Staying up to date is key as rules and regulations change quickly

Even the most knowledgeable accountant must ensure they stay fully informed, and this means reading up on the increasing number of changes to the law we’re seeing, as well as ever-changing HMRC guidance in the wake of coronavirus.

For this reason, professional competence is more important than ever, with guidance on  the various support schemes updated frequently, and regular updates and extensions to these schemes. There are very few areas of accountancy that haven’t been impacted by the pandemic.

VAT payments are a prime example of this. The government has allowed businesses with payments due between 29th March and 30th June 2020 to defer their payment to 31st March 2021 and have postponed self-assessment payments due in July 2020 until the 31st January 2021.

Having a full understanding of all these implications and how they could help a client survive is vital for every accountant working through this extraordinary period.

Be alert with scams on the rise after coronavirus

Clients should be educated on protecting their cash from scams, which are currently on the rise as a result of COVID-19. For accountants, helping to make clients perceptive and knowledgeable about potential dishonesty is imperative.

In March, when the UK went into lockdown, the number of phishing emails reported to HMRC was up from 74 per cent since January as scammers sought to take advantage of the crisis.

As businesses wait anxiously for updates on their money, they should be regularly reminded to never interact with suspicious emails about tax rebates or refunds from HMRC. Fraud has already taken over an estimated £3.5 million from just 1,700 people in COVID-19 related scams according to Action Fraud, so staying cautious is always the best option.

A professional accountant also has a duty to scrutinise figures to make sure all accounts are being kept as they should; economic recessions have been known to uncover corporate fraud as income drops and discrepancies are highlighted.

All accountants should also remain wary of tax avoidance schemes, which are often set up to appear legitimate and trick businesses and self-employed workers to join them. Particularly in light of the upcoming reforms to off-payroll working which are now due to be implemented in April 2021, which could mean contractors working through their own Personal Service Company.

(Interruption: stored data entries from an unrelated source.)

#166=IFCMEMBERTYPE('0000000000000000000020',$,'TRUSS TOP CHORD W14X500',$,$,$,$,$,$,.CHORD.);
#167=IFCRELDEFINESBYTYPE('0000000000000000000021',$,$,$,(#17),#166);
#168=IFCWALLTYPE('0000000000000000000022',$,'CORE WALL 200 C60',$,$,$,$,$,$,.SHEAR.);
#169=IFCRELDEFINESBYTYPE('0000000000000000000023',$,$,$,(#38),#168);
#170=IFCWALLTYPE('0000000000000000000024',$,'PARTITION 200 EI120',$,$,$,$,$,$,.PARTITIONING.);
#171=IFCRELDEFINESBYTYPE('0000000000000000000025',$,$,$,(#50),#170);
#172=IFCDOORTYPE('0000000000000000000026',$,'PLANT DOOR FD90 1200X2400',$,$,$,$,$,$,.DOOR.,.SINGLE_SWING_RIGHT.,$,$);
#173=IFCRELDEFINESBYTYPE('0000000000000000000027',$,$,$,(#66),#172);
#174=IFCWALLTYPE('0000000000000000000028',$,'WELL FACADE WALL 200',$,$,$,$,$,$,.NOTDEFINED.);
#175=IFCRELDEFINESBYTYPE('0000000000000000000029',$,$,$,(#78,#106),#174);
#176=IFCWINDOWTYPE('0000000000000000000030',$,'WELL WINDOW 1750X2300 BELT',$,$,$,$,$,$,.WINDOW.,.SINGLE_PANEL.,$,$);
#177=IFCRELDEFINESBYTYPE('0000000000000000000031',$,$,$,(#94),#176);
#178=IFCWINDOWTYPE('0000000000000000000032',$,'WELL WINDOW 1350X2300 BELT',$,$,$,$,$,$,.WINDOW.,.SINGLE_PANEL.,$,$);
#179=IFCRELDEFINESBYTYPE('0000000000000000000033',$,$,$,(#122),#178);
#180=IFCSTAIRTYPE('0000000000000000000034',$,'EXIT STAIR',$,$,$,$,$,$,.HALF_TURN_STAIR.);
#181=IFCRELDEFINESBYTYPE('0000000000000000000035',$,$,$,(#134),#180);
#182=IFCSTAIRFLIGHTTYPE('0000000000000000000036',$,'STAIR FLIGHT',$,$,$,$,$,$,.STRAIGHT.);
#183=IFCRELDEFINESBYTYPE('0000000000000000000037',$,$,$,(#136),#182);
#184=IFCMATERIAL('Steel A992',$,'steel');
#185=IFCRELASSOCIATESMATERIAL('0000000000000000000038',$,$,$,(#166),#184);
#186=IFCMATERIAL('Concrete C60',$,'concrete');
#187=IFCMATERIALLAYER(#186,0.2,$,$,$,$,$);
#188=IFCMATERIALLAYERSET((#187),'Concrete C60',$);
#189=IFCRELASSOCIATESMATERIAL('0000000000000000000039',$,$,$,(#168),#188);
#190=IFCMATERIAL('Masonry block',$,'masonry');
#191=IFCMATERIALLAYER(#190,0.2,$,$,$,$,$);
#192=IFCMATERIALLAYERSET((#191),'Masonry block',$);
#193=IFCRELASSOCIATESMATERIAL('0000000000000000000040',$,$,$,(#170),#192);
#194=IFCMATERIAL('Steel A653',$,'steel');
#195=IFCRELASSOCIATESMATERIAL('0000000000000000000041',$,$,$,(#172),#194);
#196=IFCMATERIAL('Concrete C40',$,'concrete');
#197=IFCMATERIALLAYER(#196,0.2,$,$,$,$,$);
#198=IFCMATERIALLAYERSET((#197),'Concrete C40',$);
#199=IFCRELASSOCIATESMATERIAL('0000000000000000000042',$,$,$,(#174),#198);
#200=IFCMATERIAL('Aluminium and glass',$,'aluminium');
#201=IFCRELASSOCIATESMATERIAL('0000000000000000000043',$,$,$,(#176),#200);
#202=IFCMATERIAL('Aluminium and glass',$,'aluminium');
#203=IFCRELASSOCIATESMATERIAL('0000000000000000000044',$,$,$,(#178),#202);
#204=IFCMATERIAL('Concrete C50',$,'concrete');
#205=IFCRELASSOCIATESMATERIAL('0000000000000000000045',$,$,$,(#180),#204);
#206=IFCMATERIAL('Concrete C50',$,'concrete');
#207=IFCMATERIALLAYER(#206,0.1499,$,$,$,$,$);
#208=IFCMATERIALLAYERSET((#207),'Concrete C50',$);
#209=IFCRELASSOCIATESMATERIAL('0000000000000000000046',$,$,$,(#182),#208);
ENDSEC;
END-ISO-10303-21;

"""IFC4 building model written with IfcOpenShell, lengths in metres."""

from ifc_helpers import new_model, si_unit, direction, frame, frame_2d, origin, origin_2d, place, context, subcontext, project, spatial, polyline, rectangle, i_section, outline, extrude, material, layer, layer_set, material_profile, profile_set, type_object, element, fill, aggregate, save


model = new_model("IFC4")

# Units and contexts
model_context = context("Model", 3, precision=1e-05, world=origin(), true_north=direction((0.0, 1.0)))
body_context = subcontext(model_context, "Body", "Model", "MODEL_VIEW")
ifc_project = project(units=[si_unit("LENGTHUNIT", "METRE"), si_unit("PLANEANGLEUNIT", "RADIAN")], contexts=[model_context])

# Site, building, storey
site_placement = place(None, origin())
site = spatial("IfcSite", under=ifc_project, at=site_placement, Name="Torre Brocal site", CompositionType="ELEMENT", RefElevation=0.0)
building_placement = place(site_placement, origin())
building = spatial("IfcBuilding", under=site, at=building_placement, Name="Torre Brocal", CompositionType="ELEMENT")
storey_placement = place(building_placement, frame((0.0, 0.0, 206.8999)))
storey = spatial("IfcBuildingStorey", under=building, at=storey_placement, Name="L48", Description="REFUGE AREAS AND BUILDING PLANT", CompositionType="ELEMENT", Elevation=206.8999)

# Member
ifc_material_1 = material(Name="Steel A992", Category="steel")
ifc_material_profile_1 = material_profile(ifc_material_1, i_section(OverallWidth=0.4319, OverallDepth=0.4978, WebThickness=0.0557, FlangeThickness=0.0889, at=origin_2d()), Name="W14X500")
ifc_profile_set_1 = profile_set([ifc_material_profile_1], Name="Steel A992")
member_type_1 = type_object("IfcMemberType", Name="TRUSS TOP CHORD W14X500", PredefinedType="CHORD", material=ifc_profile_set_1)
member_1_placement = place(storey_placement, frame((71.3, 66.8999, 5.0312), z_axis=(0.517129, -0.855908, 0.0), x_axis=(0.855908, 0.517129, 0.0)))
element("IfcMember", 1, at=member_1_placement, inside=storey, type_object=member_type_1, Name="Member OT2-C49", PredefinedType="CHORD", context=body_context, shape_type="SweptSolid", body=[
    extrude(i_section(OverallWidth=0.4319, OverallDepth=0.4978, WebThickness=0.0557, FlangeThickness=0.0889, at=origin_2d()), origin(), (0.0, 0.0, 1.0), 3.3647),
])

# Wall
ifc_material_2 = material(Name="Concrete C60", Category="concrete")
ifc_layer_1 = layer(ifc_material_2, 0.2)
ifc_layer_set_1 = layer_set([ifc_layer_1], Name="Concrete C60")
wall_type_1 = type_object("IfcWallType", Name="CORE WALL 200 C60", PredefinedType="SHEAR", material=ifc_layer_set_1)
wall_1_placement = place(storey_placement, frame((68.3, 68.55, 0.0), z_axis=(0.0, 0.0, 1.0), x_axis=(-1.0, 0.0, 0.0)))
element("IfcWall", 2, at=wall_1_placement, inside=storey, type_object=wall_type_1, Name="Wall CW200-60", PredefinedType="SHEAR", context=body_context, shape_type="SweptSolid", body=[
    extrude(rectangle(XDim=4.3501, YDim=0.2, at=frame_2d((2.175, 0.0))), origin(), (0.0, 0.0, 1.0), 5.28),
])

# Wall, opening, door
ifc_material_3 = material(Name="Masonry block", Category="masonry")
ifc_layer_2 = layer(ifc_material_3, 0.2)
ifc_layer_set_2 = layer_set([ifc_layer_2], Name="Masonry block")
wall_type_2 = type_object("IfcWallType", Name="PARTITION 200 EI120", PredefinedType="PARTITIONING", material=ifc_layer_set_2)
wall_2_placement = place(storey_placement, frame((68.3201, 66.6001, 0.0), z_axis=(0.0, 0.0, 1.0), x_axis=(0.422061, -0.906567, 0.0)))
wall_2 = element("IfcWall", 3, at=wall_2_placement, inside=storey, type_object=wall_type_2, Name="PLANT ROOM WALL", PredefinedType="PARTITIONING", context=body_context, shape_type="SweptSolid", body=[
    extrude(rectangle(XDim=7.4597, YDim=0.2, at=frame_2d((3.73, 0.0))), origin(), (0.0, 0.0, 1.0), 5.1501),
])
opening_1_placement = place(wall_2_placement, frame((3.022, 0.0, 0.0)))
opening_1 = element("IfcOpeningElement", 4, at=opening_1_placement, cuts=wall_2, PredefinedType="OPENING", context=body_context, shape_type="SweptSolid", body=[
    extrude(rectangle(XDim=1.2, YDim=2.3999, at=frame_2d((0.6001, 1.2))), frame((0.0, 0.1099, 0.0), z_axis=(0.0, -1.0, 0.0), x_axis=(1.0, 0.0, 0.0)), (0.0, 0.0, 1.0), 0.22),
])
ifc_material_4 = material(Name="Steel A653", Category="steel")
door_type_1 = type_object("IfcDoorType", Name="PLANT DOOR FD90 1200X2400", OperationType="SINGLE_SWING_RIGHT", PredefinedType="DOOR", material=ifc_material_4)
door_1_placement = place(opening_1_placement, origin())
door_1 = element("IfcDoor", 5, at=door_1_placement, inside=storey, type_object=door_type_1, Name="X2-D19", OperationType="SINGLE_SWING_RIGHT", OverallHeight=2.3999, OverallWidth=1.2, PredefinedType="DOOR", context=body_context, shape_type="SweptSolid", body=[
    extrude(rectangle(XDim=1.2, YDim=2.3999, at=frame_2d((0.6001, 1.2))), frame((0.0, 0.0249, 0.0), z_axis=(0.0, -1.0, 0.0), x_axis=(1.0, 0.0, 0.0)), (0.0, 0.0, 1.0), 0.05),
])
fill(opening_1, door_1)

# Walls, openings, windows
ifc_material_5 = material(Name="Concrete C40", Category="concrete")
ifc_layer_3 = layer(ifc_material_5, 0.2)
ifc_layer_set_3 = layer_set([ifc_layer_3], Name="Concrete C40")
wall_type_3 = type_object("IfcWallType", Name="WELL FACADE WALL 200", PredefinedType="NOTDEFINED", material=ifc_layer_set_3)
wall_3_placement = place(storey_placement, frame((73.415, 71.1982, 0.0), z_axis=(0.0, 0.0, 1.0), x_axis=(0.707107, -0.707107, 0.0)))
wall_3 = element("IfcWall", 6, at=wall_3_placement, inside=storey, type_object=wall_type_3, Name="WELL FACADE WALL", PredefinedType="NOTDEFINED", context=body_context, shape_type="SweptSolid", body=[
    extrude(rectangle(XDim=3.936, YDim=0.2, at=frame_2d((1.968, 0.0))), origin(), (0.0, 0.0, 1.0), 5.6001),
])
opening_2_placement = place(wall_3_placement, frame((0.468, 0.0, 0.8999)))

A report published by the Government in April 2020 claimed up to £1.7 billion of the £33 billion tax gap is due to tax avoidance, and it won’t be dropping down their agenda even as they deal with the pandemic.

There is no doubt that hard times are ahead for all businesses, including accountancy firms. However, coronavirus has brought opportunities as well as challenges, as accountancy skills are going to be more vital than ever during the economic recovery process.

By staying professional and sticking to an ethical code, accountants across the UK and Europe can come out of this stronger and more progressive.